For me, performance while recording with the GPU was a mixed bag. For the most part it seemed to work fine, but there were a handful of games that just didn't like it as much. Some were choppy or laggy when I began recording. The theory is, that recording with the many cores of a GPU, processing and encoding a frame to a file should be more streamlined, but in practice it seems to take more resources from the videocard itself than I expected. Perhaps it is due to needed optimization of the games or drivers, or perhaps it is my 'older' videocards that are beginning to get on in years (I was running two GTX 560 Ti's in SLI mode during these tests).

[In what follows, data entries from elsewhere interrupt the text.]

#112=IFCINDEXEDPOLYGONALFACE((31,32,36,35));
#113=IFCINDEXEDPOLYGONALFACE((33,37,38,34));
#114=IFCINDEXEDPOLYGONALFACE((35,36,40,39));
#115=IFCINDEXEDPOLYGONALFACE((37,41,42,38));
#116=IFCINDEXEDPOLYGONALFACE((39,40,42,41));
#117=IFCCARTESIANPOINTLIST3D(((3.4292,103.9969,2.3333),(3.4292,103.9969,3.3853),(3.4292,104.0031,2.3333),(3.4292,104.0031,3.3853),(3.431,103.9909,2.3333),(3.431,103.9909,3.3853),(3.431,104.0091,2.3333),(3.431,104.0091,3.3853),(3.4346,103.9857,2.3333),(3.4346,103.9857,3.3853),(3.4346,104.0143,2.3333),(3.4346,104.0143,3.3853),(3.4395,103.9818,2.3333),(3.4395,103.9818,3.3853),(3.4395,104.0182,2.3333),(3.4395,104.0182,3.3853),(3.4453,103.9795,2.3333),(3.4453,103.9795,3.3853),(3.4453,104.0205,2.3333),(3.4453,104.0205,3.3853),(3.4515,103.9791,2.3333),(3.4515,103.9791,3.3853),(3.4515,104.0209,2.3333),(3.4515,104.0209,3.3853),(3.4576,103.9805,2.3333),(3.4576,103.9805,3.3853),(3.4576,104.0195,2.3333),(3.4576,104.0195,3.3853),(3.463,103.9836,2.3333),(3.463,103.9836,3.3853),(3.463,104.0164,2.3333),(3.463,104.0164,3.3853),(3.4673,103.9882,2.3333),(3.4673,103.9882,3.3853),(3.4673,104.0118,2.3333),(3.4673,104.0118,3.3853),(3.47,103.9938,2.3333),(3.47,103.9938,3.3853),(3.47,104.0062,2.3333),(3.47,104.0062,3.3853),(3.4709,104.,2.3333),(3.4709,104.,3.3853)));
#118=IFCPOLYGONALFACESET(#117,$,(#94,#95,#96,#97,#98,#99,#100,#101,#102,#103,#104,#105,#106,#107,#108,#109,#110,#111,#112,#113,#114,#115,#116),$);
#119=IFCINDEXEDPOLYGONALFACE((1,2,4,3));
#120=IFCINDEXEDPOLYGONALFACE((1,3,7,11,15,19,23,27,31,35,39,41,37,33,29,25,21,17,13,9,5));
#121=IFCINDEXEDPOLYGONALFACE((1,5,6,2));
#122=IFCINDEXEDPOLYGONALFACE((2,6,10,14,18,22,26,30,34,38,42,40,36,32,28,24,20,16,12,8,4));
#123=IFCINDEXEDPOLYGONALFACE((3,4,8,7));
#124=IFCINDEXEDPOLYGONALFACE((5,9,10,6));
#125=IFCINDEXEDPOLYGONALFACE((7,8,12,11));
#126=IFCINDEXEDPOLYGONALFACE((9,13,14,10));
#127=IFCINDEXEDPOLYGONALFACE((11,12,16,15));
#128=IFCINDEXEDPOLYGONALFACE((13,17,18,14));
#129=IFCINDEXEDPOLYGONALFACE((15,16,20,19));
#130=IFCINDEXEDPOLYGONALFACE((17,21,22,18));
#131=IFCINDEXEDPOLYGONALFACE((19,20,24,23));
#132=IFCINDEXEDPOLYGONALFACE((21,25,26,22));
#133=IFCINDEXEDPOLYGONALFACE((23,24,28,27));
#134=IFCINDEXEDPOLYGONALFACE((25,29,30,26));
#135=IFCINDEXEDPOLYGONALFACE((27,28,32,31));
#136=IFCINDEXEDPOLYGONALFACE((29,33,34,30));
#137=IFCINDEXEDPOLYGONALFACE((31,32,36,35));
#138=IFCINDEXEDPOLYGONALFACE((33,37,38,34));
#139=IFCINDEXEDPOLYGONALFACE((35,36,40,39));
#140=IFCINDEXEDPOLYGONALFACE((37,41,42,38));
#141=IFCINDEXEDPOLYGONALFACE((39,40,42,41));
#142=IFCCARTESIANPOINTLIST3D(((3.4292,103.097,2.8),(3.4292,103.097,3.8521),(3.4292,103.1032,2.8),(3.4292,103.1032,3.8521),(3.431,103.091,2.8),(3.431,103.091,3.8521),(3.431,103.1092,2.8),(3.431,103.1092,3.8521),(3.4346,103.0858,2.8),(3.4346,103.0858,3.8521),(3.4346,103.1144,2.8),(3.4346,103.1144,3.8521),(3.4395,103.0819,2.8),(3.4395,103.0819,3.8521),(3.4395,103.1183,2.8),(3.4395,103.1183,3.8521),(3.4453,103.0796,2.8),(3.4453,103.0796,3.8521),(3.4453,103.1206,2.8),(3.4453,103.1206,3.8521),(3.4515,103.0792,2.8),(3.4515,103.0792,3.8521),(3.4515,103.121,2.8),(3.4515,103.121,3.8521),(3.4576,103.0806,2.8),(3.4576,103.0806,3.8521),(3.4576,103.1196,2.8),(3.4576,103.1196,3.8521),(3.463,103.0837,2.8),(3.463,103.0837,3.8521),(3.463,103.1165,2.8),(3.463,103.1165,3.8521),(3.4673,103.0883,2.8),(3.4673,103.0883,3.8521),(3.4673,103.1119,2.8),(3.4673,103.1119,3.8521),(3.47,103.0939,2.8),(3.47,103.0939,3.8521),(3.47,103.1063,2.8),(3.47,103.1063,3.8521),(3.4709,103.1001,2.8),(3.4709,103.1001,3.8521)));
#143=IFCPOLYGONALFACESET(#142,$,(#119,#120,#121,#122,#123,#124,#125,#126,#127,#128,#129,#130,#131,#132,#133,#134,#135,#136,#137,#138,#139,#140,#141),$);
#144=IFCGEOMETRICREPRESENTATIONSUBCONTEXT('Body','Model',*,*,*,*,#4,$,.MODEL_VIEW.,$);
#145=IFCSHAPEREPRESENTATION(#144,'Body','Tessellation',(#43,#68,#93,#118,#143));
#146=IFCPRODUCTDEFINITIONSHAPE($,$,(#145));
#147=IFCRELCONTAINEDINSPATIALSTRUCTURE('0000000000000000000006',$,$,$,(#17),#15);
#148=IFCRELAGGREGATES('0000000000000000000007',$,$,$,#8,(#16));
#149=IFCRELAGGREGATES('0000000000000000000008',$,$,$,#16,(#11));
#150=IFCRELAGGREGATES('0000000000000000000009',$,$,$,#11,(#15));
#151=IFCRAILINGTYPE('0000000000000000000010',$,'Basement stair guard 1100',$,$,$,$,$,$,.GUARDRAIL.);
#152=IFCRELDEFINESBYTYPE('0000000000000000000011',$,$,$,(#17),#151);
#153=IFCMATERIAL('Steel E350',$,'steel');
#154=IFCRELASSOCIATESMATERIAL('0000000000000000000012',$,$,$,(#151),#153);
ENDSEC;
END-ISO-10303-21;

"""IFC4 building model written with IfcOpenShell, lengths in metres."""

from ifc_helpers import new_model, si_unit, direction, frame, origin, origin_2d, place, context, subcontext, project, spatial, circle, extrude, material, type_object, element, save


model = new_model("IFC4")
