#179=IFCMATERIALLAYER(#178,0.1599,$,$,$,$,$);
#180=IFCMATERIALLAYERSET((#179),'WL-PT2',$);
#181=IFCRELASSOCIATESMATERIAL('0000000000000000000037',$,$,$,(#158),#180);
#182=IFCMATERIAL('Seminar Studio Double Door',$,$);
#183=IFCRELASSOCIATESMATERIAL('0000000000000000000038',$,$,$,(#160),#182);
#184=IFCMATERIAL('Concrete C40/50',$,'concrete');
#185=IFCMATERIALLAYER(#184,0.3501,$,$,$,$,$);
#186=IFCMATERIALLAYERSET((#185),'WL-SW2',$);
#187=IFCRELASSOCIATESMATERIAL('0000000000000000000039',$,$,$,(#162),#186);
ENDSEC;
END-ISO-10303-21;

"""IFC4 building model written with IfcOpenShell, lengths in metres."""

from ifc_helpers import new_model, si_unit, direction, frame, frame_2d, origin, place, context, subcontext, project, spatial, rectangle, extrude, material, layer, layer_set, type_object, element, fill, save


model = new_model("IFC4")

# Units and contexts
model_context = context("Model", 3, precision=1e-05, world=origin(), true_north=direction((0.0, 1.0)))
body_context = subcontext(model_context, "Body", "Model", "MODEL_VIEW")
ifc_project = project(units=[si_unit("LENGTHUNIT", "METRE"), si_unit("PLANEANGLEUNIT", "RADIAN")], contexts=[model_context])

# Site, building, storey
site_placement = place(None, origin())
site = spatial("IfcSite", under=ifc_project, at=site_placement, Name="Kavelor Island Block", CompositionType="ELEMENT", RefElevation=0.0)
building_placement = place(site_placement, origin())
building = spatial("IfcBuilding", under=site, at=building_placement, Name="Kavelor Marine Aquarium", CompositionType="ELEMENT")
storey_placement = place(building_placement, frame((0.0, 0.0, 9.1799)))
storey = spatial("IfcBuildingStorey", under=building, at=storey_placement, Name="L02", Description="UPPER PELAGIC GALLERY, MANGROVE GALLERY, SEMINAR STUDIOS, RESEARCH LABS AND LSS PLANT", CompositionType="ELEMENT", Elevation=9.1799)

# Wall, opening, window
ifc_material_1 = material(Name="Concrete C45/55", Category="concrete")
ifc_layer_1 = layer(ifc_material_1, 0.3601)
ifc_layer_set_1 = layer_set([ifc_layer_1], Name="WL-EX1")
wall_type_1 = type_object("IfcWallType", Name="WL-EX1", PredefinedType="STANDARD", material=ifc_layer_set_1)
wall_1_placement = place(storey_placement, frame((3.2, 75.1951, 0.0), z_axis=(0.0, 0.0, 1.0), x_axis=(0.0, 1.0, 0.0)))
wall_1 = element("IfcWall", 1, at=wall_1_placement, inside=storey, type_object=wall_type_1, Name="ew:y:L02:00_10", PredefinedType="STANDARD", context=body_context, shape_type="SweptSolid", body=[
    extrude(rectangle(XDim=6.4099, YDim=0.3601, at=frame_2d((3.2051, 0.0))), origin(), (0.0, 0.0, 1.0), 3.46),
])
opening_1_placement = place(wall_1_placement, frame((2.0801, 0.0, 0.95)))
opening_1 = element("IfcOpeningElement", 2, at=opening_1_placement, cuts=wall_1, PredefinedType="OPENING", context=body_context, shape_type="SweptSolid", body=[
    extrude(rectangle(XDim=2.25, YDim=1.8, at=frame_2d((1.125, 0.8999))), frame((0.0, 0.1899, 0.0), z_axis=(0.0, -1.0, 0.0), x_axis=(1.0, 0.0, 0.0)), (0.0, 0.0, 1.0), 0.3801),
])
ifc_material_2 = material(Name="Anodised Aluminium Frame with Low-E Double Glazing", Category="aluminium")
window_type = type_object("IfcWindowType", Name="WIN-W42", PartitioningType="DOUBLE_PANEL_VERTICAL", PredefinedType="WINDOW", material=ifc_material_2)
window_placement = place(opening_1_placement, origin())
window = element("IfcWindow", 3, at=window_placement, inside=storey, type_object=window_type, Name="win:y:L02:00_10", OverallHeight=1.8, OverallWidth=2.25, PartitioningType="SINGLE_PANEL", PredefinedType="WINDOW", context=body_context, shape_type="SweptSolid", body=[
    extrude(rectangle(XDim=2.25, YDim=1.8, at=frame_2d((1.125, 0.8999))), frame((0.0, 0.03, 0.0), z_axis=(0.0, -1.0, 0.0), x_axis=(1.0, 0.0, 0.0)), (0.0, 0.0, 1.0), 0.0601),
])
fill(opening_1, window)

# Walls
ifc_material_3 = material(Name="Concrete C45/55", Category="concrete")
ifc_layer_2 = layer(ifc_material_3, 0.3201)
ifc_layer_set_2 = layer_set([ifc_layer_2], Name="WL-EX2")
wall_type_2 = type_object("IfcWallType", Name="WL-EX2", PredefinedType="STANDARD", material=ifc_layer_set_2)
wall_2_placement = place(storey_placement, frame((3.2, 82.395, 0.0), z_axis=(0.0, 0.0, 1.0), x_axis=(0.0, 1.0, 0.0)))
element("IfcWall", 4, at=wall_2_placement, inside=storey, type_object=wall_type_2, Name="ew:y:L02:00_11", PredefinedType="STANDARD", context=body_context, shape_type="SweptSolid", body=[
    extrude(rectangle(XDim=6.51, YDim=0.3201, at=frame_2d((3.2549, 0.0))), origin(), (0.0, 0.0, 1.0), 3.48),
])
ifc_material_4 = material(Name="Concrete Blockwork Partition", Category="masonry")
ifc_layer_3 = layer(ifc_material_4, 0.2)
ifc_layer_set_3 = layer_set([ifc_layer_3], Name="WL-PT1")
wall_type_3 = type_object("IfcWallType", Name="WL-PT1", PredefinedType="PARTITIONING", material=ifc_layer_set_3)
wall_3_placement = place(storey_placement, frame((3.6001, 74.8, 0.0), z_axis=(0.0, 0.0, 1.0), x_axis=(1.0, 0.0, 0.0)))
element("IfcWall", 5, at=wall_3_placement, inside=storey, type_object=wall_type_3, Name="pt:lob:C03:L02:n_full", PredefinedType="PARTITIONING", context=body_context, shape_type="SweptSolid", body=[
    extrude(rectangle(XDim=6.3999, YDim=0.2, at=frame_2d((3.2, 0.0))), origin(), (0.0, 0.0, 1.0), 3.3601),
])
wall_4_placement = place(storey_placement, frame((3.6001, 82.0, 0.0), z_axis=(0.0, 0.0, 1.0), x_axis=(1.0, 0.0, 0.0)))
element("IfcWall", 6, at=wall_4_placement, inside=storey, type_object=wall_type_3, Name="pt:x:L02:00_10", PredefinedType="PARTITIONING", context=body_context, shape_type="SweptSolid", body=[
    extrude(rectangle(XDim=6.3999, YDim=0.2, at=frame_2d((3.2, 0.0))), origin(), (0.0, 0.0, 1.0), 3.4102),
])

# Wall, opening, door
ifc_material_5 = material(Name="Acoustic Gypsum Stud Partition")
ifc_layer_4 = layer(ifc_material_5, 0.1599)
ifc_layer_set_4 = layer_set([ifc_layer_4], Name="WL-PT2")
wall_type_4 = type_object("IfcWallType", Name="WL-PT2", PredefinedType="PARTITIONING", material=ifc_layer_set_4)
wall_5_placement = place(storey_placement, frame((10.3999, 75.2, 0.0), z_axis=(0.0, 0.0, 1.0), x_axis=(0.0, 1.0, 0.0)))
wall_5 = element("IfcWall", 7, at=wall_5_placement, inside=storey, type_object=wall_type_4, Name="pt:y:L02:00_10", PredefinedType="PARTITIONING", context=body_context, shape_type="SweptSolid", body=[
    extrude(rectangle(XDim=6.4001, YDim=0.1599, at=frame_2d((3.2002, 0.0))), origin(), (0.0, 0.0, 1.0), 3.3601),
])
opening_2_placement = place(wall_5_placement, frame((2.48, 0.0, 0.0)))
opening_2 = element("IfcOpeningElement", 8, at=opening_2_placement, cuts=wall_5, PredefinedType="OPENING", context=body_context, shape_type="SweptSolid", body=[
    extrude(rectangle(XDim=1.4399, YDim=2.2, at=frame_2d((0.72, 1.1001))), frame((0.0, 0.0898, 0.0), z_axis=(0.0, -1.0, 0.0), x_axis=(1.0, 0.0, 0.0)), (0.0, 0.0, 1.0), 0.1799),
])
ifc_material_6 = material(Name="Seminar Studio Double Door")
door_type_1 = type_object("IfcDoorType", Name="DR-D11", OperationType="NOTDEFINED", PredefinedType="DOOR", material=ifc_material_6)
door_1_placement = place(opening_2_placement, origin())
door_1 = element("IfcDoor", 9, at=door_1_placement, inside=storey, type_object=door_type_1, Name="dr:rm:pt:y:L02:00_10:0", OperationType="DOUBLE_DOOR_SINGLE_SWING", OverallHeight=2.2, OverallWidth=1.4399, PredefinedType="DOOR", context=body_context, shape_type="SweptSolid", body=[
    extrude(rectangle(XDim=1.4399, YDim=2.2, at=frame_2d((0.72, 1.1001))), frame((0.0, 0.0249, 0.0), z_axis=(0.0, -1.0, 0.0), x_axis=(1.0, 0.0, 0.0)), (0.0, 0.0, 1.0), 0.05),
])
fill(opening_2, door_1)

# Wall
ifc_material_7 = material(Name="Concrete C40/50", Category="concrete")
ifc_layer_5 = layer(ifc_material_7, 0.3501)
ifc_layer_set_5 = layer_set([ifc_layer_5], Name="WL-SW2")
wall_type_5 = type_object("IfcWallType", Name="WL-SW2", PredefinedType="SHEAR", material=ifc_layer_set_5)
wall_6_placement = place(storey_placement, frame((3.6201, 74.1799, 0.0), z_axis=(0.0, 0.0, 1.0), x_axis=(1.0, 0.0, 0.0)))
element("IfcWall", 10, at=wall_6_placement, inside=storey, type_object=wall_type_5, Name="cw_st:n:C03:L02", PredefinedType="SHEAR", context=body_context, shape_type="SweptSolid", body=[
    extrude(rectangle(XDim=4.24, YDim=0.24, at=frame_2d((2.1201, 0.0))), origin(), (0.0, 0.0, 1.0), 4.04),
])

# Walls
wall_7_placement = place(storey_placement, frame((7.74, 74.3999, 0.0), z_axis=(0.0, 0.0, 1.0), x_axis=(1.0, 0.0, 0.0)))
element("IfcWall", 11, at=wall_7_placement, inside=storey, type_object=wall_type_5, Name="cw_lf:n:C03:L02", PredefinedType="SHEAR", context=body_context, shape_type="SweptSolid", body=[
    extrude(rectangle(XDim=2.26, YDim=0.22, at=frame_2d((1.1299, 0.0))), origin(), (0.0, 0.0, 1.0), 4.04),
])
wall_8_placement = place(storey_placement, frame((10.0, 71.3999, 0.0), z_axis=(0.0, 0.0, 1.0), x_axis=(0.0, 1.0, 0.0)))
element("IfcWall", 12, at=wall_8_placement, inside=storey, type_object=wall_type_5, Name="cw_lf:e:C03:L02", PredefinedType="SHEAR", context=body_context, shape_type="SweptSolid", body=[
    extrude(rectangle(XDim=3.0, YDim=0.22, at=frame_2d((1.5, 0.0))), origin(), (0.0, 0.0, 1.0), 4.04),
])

I did find that some games preferred non-SLI mode when recording with CUDA (such as Diablo III, if I remember correctly) and things were smoother when recording that way; but for the most part, accelerated recording ran with about the same responsiveness as [and in some games, slower than] my own optimized settings for the x264 iteration of AVC. Not long ago, I spent a bunch of time testing and tweaking x264 to record with the H.264/AVC codec, finding the best settings for speed while maintaining quality - and in light of the performance I was able to tweak out of x264 - GPU-based-recording didn't impress me much [if talking strictly about performance hit here]... perhaps I'll end up just using my settings with x264, for now.

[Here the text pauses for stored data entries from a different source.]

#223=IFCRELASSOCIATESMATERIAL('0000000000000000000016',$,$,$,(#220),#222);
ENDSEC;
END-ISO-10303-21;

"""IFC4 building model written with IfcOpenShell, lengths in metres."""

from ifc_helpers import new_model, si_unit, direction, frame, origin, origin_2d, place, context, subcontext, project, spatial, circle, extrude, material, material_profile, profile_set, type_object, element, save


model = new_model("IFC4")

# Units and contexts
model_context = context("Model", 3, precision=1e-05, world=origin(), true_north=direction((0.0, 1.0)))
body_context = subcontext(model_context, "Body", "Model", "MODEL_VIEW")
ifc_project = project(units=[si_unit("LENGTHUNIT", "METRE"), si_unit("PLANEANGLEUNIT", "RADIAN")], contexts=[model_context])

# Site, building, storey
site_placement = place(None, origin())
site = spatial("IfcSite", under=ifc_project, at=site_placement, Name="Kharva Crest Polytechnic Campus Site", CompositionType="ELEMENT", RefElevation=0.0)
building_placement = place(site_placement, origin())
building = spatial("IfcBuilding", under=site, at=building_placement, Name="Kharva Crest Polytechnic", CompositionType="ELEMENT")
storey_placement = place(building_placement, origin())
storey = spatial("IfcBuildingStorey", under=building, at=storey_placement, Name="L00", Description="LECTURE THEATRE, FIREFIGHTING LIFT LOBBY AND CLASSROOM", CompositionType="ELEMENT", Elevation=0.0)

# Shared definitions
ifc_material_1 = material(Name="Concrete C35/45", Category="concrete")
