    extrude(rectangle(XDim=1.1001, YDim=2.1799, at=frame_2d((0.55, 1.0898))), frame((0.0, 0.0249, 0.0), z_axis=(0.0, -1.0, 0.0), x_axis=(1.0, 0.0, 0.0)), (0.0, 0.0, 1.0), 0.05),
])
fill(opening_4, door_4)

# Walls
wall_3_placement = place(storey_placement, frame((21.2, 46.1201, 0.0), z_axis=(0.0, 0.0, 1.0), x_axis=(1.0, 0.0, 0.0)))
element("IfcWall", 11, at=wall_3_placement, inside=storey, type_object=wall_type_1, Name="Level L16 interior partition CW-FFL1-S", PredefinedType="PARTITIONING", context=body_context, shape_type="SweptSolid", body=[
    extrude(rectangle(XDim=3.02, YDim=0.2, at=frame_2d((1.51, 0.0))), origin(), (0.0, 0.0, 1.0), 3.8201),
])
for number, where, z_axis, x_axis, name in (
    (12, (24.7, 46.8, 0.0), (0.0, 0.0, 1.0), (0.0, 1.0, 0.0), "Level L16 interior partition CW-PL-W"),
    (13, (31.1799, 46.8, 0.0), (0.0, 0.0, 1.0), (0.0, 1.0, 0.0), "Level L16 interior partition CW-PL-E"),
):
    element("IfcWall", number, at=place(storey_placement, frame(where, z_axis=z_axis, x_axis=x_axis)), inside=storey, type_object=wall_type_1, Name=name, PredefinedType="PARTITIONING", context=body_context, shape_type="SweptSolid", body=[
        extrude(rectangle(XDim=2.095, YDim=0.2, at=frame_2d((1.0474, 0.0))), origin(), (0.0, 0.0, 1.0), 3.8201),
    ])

For more information, tests and tweaks that I did over time with h.264/AVC and the x264 codec, feel free to check out these articles here at the blog (some are the same as the above asection):



An example of an NVIDIA CUDA encoded game recording, this is a frame extracted from the CUDA-produced output file (Allods @ 1080p). Click to see Full Size



Overall, recording with gpu-acceleration was pleasantly surprising. Quality (at 100%) was better than I expected from it (it does taper off quickly as you lower the quality setting, however). The file sizes were comfortably small (about 25GB for an hour of recording at 70% Quality, about 45GB for an hour of recording at 100% Quality). The performance was a mixed bag for me, but for most games it was indeed fast and could get the job done. So, in essence, it managed to deliver on all promises. Not bad at all.


Have fun recording with your GPU and See You In The Games!